After shooting these pics, I went to the hotel to do another search for our luggage. After several hours on and off the telephone to the 1-800 number and finally a trip back to the airport, they were officially located and scheduled for delivery that evening, exactly twenty-four hours later. Funny how talking to someone on the phone gets you nowhere and as soon as we could look someone in the eye about it, they were found! Thankfully, we had an extra day to wait for our instruments. Not having our guitars for one day is usually not an option, but I’m happy they arrived in the end and everything worked itself out.
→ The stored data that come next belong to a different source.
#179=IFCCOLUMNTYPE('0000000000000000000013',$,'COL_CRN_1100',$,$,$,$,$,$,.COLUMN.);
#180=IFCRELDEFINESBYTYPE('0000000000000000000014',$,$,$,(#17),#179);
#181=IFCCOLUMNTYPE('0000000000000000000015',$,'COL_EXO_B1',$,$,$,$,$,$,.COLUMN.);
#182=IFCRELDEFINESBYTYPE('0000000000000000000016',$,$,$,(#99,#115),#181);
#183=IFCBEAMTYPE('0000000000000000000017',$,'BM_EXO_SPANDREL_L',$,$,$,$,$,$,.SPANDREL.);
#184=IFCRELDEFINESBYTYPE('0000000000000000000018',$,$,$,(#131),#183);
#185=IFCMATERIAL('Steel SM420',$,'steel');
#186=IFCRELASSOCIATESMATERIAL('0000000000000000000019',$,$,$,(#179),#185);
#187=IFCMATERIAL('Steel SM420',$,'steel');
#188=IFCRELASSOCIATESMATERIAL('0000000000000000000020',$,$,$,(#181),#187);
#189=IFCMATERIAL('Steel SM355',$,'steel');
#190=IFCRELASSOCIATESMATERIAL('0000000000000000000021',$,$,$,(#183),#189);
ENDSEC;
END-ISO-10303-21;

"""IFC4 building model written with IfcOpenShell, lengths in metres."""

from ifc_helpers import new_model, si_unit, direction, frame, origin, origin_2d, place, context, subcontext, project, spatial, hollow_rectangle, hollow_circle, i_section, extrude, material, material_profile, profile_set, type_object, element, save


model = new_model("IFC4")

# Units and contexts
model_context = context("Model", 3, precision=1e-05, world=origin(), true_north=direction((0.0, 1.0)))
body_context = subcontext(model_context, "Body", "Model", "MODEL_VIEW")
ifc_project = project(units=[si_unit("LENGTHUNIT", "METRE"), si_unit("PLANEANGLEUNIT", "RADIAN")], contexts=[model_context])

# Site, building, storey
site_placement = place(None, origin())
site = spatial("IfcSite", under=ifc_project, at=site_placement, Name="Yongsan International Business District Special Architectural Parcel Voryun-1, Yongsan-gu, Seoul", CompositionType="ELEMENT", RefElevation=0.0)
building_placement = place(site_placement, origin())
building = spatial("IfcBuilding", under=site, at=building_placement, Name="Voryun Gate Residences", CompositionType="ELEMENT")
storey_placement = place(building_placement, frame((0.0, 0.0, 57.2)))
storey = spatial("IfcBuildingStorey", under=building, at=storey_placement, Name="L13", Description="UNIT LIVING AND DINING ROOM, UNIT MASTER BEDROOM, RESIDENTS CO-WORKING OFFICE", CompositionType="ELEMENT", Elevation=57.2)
The next day, I took in several speakers and my highlight was definitely Sol Guy, producer and co-host of a new television series coming out this fall called “4Real.” His bio described him as a guy who sets out to use the entertainment business as a vehicle for social change.” I get that. I thought I’d get him and I was right.

Sol Guy’s delivery was simply cool, in the truest sense of the word. He’s articulate, relaxed, and he communicates so succinctly without being the least bit dry or rehearsed-sounding. I was taken in by his talk (that was also aided by photography and some clips from his upcoming series) and moved to move. In the spirit of hip hop, activism means acting or moving your body within this movement. Dancing takes place in a lot of places – not just the dance floor. It was the perfect pre-show push.

When Lyndell and I got up there for our set, we were both relaxed and felt alive. It was great to play together again and an honour to be among these delegates and speakers and performers. Sometimes it’s reassuring to gather with those who are doing similar work if for no other reason than to be reminded that we are not alone in these pursuits and that we’re all interconnected and making strides.

“Ignite Change Now!” may sound like an order to some, but to me it’s an obvious exclamation. Sort of like saying: “eat or die of hunger!” or “breathe or suffocate!”

The cold, hard truth.

Lighting a fire under our asses in August.